Almost all the good gags announce themselves in the first few minutes – the cheerfully bizarre opening-credits number that plays like a James Bond titles sequence set in a sac of amniotic fluid; the thieves, competitors to Tabrez (aka Tees Maar Khan), with delectably demented modus operandi that I won’t spoil for you; the announcement of Tabrez’s pregnant (and movie-mad) mother when her water breaks. (“Tanki phat gayi,” she wails in front of her black-and-white television set, watching a scene from a 1970s potboiler where a fully filled water tank explodes.) A little later, Katrina Kaif (as Anya, Tabrez’s bubble-headed starlet-girlfriend) makes her entry in the well-shot, well-scored Sheela ki jawani song sequence, brandishing a belly button that seems to have a life of its own – and as the curtains come down on this number, you might just as well leave. The film, hereupon, sinks faster than an iceberg-struck passenger liner in the mid-Atlantic.
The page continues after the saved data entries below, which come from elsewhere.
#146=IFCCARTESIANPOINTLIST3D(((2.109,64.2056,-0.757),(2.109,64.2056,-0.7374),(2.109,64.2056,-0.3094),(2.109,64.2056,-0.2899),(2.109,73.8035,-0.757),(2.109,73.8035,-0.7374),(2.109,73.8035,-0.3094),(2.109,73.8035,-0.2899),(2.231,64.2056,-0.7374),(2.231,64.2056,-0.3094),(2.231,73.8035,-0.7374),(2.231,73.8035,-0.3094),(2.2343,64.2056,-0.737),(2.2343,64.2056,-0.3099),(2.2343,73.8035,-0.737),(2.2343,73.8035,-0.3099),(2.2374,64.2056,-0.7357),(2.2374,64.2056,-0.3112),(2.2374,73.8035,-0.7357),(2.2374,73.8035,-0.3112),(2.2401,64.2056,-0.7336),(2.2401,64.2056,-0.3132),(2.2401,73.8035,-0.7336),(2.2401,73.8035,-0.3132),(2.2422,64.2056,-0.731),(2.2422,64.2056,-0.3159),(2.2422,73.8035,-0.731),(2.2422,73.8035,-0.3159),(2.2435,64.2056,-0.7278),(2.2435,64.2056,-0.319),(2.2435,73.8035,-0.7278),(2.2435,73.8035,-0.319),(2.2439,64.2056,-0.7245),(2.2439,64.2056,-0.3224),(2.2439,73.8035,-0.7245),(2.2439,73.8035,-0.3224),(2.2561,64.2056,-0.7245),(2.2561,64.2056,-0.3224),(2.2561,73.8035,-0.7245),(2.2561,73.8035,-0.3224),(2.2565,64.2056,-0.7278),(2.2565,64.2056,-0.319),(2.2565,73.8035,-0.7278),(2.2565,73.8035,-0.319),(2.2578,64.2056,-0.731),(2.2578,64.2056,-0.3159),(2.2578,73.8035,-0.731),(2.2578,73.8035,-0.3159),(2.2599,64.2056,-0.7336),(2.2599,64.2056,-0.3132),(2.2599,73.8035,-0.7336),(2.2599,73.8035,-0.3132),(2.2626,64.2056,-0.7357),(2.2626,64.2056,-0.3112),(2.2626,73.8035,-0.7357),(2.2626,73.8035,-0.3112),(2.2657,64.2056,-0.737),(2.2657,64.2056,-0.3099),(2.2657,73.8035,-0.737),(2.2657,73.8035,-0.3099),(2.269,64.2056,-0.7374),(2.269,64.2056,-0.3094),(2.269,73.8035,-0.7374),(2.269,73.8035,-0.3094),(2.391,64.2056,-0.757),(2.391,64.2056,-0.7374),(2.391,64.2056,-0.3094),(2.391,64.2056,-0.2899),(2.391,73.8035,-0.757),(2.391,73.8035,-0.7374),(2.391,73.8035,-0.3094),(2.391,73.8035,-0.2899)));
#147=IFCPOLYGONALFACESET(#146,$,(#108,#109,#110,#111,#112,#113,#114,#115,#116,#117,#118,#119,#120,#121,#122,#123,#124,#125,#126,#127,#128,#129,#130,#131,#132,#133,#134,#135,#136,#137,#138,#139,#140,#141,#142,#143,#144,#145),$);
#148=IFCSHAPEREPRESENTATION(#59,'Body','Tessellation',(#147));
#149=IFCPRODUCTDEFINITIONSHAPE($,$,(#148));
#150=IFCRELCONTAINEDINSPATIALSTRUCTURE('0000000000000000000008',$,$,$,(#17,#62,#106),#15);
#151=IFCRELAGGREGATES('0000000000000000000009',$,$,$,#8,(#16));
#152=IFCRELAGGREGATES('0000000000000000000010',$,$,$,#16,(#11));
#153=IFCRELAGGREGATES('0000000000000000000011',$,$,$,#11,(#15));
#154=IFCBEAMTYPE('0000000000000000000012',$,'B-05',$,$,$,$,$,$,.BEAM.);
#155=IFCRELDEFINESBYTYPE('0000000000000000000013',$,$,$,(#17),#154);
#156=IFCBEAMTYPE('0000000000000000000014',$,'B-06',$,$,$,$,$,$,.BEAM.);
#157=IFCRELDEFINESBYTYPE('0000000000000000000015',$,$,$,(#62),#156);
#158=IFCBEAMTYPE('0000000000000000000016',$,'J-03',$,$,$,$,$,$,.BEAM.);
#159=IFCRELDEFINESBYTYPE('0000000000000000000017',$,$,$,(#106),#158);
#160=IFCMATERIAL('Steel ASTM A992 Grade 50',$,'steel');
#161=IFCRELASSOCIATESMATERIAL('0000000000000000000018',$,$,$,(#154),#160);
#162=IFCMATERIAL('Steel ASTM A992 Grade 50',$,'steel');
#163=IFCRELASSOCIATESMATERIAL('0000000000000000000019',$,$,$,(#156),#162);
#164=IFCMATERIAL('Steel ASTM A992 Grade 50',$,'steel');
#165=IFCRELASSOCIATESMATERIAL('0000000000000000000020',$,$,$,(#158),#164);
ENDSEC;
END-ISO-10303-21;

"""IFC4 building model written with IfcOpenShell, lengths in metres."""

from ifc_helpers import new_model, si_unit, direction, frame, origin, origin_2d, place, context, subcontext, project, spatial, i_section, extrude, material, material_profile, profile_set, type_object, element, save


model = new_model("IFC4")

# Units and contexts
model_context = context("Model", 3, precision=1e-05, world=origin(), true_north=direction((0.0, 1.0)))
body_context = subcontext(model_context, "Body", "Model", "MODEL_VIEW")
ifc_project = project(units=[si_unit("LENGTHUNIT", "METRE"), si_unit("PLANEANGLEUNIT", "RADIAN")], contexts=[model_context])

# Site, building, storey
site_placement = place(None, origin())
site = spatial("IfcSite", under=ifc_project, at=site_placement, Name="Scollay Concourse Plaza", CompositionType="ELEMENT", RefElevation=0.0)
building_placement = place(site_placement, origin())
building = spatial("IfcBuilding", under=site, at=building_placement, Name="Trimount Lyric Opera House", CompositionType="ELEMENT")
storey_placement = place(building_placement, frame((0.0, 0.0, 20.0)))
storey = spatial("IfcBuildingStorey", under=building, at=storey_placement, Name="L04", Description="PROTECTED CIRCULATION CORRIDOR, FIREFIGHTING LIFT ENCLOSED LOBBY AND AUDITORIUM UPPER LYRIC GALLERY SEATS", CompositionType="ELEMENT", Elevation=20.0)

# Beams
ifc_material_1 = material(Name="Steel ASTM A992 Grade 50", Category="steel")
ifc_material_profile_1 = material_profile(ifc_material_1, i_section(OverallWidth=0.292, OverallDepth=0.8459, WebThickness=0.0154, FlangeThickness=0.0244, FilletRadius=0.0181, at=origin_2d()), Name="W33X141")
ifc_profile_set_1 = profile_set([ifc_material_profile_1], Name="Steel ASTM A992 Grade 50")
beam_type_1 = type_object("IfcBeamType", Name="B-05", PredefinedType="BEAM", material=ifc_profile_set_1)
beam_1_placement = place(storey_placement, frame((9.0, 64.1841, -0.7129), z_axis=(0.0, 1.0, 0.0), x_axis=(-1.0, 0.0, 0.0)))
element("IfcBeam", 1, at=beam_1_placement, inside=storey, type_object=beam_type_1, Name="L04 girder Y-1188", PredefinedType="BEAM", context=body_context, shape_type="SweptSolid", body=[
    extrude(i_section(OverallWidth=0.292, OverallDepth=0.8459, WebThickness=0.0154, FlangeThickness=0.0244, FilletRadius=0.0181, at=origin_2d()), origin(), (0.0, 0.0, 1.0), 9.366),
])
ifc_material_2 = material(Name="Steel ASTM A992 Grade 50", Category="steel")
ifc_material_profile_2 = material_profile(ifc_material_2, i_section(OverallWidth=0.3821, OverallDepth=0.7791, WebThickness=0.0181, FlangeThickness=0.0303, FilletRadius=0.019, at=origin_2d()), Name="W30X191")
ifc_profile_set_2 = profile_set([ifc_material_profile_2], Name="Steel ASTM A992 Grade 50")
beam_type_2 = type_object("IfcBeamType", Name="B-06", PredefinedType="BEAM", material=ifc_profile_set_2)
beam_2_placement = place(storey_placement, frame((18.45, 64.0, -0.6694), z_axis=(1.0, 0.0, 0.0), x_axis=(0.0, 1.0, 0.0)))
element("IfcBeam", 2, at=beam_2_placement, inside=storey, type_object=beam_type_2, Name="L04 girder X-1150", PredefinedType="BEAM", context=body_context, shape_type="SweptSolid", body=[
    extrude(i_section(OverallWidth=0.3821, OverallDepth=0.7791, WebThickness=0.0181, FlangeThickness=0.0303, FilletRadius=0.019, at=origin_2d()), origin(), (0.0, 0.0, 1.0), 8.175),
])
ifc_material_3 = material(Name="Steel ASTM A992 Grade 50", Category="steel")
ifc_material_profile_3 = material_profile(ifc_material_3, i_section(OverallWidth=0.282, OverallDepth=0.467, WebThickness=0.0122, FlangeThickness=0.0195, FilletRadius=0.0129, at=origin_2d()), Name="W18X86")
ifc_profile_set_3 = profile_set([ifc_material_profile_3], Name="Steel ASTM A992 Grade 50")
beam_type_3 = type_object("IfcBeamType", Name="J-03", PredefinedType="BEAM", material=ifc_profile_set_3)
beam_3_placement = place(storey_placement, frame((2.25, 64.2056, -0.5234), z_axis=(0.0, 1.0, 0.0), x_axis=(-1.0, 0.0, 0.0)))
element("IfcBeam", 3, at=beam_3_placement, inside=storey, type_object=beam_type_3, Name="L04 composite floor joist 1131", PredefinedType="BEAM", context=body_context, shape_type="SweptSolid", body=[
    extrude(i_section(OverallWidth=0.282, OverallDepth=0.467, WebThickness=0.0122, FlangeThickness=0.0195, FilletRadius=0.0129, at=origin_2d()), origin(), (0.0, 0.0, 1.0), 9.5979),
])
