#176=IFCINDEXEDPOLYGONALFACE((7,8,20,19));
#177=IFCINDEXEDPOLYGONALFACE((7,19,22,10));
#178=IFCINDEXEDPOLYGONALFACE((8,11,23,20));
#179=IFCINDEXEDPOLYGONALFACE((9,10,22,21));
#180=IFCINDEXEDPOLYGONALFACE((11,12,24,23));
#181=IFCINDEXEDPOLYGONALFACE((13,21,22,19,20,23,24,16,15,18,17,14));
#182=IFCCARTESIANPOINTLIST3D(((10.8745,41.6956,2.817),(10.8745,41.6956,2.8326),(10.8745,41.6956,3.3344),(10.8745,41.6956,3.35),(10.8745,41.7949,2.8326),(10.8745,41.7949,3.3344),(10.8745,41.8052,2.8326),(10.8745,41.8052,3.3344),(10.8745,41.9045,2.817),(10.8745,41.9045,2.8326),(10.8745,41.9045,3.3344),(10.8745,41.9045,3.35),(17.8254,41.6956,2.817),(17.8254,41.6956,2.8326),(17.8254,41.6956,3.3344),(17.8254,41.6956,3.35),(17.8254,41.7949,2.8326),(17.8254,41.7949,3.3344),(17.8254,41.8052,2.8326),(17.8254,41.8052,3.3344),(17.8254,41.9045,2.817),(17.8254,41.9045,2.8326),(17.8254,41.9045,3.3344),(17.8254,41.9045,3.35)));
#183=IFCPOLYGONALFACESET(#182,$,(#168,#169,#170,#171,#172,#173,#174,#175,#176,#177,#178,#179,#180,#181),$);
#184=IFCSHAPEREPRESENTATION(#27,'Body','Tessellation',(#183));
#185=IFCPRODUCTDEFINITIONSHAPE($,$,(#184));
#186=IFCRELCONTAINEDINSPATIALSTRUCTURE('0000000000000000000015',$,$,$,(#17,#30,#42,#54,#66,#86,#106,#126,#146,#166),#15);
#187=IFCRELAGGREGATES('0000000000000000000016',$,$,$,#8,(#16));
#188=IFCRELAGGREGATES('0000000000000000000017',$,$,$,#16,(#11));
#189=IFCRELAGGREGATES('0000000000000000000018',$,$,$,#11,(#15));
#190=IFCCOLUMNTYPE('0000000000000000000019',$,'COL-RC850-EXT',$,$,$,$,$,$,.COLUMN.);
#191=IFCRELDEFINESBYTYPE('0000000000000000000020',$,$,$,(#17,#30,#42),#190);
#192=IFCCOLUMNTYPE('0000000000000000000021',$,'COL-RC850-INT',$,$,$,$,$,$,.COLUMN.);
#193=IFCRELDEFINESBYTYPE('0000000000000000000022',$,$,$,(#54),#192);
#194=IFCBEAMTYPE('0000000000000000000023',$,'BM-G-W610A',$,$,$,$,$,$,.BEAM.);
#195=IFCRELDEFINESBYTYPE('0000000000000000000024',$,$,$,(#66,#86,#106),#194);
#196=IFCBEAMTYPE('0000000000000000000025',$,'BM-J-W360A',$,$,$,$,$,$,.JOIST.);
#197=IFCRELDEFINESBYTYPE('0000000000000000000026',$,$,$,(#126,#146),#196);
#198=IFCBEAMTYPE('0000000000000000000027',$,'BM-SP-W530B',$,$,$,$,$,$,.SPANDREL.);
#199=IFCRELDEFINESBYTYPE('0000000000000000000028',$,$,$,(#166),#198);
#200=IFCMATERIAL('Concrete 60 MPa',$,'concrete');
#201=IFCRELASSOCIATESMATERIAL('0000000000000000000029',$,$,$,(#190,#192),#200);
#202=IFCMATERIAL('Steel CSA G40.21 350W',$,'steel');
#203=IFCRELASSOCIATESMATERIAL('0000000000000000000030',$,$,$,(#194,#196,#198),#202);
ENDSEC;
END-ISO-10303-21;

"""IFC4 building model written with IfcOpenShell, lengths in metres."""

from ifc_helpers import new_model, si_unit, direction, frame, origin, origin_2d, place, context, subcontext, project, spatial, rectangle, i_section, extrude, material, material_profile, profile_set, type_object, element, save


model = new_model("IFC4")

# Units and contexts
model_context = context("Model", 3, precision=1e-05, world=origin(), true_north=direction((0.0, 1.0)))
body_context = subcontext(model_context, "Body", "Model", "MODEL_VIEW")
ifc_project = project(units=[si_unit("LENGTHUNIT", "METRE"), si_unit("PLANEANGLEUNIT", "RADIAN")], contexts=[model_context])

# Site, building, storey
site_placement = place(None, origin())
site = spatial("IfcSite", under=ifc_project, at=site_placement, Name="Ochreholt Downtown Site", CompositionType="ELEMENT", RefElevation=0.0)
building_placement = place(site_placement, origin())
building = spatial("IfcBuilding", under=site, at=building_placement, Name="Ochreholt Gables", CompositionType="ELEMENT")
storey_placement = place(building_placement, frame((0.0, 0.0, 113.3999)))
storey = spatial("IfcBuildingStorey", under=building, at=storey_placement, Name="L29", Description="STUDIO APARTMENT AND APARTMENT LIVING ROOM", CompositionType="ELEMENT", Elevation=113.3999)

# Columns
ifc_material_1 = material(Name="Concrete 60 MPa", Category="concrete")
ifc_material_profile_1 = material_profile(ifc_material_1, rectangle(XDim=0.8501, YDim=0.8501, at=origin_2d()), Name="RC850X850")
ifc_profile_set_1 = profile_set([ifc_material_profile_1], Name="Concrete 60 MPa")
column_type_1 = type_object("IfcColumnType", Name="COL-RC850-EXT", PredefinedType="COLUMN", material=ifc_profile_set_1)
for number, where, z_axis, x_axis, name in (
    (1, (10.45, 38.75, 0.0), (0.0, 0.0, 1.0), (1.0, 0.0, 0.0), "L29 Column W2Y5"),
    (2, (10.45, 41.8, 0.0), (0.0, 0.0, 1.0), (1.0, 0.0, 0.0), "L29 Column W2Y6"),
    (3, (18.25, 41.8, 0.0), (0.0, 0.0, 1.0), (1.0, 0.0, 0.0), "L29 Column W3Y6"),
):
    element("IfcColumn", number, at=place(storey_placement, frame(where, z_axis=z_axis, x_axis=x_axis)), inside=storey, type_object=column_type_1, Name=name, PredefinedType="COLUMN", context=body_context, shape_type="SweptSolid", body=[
A lot of failed entertainers give us the sense that fun was had at least at the scripting stage – that heads were thrown back, thighs were slapped, sides were split – and we tell ourselves that none of this translated to the execution. But with Tees Maar Khan, there isn’t any sense of enjoyment even in the writing phase, unless you imagine hoots and fist pumps for such high-school-level gags as the one where an airplane carrying a wanted criminal is named Con Air. Ha ha! The rest of the film unfolds as a procession of dreadful dialogue, endlessly repeated, and unfunny in-jokes – a reference to the long-gestating Mr. India sequel, or the sledgehammer poke-in-the-ribs about an Oscar-hungry Bollywood star (played by Akshaye Khanna, whose presence in a film, for a while now, has sadly turned into a surefire signifier that it’s going to be a stinker). For a story supposedly structured around a train heist, there are alarming shifts in tone, like a segue into sentiment with Tabrez’s growing affection for a band of villagers terrorised by a headless ghost on a horse. Free-associative nonsense, in theory, is as valid a way of making movies as any, but when the filmmaker’s instincts are unsound, it becomes plain nonsense. Tees Maar Khan is simultaneously frantic and flat, like a hasty gulp from bottle of beer that’s been left uncorked for months.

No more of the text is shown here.